His Radio 1 programme, The Graveyard Shift, was on Mondays to Thursdays from 10 to midnight. Now, I realise that thinking Radio 1 was at its peak in your own key years is as much of a joke as thinking music was better, but I think I can make a decent argument that Radio 1 was at least more interesting in the mid-90s. While I’m sure it’s brilliantly catering to the current audience’s desires, there’s no question that it offers far less variety, that responsibility falling on stations like 6 Music and other BBC stations. In fact, I can make the point with one example: Radio 1 doesn’t have an hour’s comedy at 9pm any more. (That hour contained some incredible stuff, like Lee & Herring’s Fist of Fun/Radio One Music Show, The Armando Iannucci Show, and most of all, the Chris Morris Music Programme.) Anyway, this isn’t the point. (And Chris Moyles wasn’t born yet.) The point is Mark & Lard.

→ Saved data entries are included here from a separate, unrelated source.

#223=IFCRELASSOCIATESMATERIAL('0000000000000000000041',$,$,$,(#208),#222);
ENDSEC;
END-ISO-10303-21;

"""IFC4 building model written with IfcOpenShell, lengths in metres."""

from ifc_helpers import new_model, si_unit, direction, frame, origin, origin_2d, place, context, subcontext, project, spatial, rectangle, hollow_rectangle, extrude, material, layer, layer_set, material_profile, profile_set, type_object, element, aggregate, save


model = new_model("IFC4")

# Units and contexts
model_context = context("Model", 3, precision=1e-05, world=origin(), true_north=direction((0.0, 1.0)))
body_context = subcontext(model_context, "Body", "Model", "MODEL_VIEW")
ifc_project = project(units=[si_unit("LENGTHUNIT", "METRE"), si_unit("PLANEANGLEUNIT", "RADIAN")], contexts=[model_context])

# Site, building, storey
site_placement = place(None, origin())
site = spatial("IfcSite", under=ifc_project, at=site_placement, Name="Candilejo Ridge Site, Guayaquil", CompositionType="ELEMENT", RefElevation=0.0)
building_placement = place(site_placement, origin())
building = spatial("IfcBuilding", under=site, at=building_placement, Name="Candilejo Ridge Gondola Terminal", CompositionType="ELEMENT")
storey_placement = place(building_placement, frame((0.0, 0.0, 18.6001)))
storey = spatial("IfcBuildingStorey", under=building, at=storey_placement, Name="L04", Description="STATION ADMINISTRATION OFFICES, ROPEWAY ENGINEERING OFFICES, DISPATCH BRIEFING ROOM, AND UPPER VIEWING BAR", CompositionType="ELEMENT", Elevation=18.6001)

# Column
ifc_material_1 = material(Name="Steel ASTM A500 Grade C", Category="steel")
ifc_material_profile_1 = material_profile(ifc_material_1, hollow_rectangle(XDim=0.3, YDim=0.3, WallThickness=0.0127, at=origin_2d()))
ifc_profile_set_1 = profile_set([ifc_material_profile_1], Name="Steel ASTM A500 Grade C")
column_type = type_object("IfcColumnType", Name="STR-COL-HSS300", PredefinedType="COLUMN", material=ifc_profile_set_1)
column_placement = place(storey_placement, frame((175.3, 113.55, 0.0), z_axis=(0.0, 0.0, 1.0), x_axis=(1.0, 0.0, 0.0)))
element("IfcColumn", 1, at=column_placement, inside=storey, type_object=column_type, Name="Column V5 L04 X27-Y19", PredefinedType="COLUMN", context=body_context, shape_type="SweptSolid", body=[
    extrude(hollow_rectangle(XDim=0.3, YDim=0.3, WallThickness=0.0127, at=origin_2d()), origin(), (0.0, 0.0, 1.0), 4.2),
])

Their show (Lard being Mark Riley, one time member of The Fall) was independent of the Radio 1 playlist, and not desperately trying to be cool like Jo Wiley and Steve Lamaq’s Evening Session. They played the music they liked, chatted nonsense with the guests they enjoyed, and made stupid rude sketches, and for some reason Radio 1 let them. It was brilliant. It taught me what music could be.

From Nick Cave to Nick Drake, Soul Coughing to Throwing Muses, Laurie Anderson to Tindersticks, Belly to Pizzicato 5, Teenage Fanclub to BMX Bandits, it was something different. I remember scribbling down the names of bands through the week, and then on Saturday visiting Guildford’s Ourprice to try to find any of them in their meagre singles section.

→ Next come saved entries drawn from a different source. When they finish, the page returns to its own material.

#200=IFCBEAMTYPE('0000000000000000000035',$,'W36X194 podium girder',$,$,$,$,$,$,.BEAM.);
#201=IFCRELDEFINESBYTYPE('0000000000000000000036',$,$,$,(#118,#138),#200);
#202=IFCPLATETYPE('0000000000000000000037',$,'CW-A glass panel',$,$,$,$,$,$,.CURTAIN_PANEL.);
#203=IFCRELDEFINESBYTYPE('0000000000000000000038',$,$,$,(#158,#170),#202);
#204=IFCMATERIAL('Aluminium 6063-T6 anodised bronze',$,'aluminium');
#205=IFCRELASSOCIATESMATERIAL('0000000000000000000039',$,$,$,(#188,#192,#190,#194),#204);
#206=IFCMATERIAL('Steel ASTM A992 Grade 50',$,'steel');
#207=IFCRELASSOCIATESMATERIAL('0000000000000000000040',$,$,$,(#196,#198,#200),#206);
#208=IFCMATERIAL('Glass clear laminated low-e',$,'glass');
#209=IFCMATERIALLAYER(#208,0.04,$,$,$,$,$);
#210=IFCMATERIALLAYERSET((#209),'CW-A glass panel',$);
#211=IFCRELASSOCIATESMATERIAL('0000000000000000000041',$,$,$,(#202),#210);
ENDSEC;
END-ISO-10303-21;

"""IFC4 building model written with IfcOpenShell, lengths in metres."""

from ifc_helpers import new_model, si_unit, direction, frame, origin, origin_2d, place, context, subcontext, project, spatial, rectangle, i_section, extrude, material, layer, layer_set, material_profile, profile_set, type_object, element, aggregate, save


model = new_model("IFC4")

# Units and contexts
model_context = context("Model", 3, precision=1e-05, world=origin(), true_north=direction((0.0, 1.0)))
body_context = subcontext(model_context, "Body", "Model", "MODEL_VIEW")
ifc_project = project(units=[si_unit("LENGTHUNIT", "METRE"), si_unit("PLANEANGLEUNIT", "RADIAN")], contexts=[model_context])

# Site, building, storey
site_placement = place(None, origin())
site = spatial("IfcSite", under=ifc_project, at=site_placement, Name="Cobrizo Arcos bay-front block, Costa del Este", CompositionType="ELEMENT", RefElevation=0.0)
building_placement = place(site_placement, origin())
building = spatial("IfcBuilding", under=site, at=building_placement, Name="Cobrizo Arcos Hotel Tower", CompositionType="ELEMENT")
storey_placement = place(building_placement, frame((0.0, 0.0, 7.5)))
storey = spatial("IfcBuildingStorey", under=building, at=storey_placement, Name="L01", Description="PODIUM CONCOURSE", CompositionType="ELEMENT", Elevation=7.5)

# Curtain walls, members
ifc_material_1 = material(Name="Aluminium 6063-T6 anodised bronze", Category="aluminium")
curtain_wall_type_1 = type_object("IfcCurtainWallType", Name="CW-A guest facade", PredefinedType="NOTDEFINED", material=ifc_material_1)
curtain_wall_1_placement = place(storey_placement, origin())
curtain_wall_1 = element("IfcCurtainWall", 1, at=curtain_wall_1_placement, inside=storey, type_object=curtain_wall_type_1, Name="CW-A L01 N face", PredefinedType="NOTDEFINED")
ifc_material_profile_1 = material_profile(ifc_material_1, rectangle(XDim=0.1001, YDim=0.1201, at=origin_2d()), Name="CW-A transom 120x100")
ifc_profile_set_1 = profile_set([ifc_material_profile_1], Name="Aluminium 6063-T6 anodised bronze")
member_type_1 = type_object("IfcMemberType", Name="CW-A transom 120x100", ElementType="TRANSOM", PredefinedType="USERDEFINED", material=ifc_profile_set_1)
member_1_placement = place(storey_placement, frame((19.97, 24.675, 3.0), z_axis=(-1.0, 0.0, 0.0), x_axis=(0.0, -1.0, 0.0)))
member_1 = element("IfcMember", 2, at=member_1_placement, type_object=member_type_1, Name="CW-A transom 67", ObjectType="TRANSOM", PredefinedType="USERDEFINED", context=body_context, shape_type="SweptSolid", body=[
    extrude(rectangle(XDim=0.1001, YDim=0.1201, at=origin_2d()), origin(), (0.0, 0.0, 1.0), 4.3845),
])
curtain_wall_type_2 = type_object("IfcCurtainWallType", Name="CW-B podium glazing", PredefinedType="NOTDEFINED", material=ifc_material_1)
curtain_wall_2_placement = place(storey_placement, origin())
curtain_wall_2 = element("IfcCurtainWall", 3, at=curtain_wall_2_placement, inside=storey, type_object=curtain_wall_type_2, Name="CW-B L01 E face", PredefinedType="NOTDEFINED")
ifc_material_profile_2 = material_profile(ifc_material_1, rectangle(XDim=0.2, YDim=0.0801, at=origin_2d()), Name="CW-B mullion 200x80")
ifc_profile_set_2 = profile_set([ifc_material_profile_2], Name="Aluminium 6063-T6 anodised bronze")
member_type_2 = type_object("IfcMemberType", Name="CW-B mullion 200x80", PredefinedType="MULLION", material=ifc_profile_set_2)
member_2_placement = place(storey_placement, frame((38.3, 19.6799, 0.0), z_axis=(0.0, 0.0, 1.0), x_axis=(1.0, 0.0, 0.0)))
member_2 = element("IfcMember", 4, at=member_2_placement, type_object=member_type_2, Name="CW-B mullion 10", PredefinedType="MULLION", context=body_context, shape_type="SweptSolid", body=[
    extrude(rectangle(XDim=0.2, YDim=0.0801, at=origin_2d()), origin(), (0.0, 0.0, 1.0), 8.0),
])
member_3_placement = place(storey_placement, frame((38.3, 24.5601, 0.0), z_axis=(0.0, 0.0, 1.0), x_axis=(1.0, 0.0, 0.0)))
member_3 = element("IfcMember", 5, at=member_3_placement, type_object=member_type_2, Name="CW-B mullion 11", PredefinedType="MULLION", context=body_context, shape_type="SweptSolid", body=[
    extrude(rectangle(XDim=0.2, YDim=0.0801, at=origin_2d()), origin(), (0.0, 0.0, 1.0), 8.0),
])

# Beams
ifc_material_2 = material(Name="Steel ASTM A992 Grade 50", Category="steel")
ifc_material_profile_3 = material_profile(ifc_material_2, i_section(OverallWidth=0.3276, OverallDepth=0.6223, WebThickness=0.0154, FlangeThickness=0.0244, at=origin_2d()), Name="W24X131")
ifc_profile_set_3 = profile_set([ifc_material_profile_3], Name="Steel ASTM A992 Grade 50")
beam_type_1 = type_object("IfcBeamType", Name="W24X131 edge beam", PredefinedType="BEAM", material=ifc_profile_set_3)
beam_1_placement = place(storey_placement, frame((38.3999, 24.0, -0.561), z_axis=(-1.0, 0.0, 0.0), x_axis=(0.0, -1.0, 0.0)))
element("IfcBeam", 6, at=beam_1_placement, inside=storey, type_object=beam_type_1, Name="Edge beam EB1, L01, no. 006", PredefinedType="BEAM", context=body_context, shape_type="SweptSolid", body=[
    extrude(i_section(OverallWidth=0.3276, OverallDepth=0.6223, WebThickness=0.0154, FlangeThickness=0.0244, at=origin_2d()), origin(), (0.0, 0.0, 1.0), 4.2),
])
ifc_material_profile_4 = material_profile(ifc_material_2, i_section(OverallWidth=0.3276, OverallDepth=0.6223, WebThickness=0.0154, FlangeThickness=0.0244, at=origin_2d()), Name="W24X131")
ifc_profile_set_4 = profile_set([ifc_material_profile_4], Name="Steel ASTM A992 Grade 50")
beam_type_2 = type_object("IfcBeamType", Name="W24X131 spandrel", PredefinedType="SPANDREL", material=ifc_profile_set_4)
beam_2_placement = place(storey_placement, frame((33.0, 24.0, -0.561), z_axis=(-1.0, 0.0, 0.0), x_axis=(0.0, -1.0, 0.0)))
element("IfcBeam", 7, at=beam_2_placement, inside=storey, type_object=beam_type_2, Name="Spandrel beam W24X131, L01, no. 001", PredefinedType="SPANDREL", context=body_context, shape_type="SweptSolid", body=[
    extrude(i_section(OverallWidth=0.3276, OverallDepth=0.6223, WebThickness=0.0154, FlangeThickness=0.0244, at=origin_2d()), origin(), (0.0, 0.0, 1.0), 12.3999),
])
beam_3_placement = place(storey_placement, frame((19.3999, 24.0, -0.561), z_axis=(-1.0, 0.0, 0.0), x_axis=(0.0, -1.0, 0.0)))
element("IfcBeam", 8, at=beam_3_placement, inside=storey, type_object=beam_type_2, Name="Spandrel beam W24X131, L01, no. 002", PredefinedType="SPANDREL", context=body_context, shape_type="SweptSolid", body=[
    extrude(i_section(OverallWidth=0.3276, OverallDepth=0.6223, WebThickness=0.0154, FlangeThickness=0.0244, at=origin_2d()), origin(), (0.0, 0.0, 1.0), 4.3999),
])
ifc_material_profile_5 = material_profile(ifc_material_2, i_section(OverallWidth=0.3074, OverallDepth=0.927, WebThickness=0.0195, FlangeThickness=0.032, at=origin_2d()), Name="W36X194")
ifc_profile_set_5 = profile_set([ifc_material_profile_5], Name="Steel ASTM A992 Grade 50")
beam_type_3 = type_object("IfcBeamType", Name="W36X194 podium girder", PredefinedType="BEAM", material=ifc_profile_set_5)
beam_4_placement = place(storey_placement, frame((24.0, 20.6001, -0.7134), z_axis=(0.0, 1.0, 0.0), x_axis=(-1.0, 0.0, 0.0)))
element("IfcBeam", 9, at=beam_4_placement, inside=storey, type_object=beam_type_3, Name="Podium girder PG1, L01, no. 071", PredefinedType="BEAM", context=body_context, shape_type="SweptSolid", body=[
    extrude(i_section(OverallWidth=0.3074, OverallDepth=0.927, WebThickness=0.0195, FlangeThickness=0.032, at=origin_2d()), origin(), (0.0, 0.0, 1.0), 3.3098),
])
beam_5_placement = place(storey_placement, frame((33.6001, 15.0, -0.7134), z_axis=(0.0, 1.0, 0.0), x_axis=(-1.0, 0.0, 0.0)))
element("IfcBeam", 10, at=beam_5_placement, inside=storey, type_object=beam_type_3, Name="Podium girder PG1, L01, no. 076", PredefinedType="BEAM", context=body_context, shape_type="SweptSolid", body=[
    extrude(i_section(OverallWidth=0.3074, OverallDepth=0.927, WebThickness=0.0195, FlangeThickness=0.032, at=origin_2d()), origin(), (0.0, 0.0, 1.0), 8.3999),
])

I don’t remember whether HMV hadn’t opened yet, or if I was still too afraid to shop in there. That might sound a little strange now, but HMV has changed. It was this terrifying underground dungeon, barely lit, staffed by the most unfriendly 20-somethings imaginable. And ferociously loud. Once I was 16 it was my obvious Saturday haunt, stocking as it did a vast array of singles and the long-sleeve t-shirts that were my permanent attire for the rest of my teenage years. (I found my Black Hole Sun t-shirt last week – it is more holes the clothing, but I still can’t bring myself to throw it away.) But at 15 it was Ourprice, and their paltry selection. This invariably meant my going to the counter and bugging a member of staff to get out the enormous book of forthcoming releases. It was a huge tome, filled with microscopic print, listing amongst its contents every song coming out in every week for the foreseeable future. They’d find whatever I’d heard that week, and inevitably tell me they wouldn’t be stocking it, but could order it for me. The following Saturday I’d collect my prize.

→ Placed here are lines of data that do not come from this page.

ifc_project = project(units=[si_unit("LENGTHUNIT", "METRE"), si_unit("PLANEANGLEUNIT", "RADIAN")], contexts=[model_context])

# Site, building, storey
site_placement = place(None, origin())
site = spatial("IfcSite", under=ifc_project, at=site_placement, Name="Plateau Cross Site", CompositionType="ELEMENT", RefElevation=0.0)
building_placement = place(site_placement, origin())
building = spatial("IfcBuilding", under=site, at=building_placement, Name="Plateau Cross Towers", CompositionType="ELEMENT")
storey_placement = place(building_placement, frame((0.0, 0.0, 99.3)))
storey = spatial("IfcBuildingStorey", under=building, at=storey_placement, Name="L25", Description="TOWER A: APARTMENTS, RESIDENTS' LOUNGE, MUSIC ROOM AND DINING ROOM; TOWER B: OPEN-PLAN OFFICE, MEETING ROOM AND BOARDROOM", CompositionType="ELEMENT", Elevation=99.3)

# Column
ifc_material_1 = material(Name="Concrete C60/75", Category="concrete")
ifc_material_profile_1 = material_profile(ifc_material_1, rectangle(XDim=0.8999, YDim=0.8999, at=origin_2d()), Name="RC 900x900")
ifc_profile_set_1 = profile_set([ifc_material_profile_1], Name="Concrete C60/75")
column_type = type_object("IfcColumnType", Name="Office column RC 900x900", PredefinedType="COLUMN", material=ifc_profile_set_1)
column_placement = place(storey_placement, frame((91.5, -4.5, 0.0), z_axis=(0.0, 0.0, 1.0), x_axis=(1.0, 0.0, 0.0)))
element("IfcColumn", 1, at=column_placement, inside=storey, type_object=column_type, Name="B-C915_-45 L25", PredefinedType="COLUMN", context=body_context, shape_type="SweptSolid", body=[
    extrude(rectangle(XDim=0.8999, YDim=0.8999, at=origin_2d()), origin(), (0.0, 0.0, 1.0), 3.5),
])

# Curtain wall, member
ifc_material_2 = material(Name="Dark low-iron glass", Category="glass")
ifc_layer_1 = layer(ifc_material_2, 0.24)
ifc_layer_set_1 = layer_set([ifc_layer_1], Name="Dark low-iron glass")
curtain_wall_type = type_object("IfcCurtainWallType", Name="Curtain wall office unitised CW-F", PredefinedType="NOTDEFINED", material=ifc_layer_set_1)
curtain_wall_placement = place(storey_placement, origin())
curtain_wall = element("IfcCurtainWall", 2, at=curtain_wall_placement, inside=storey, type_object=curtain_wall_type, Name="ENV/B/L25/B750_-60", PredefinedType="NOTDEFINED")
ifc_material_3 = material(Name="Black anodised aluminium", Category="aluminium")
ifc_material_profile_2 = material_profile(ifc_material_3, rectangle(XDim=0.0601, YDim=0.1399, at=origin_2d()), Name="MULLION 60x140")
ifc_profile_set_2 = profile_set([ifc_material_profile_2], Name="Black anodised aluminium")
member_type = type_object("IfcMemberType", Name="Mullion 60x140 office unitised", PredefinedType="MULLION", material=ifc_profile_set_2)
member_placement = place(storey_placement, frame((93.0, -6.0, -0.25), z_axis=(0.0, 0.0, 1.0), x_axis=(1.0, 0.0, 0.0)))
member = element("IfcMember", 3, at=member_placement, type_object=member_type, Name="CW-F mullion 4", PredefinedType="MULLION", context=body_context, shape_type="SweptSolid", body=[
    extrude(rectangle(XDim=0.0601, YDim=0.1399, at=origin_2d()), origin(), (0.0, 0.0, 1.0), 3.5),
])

How old this makes me feel. Books of releases, not a computer database. Ordering singles from a shop and waiting a week, not downloading them from the internet.

I remember one week going into Ourprice to find details on when I could buy Solitary Party Groover by Drugstore, and But If You Go by MC 900 Ft. Jesus. They searched through the giant book, but neither even appeared. I wrote to Mark Radcliffe (using a pen on some paper, look at my long beard and stooped back) to ask for the record company details so I could order them directly. A few days later I received a package in the post with a Radcliffe photo inside, written on the back, “Alright ourkid – here’s the songs”, and a boxed promo CD for both singles. Imagine my delighted 15/16 year old face. (That MC 900 Ft. Jesus single took a strange, circuitous route, when years later when writing occasional bits and pieces for Kevin Greening, he asked if he could borrow it.)

Another remarkably strange thing about The Graveyard Shift was when you phoned in. Fortunately I somehow knew not to be a crazed stalker-fan, and only called in once or twice, when I had something worthwhile to contribute. But here was the thing: when you called the number they gave out, it was Mark Riley who answered. This was daunting. It was a weird sense of access that wouldn’t be possible at all today. I remember contributing something to one show, and I have no recollection at all of what it was, but it was something that made them both laugh, and then something they raised again later in the show. I couldn’t have been more proud. Then handing over to either Clare Burgess or Lynn Parsons (I forget who) they mentioned whatever it was I said again. I could have died happy.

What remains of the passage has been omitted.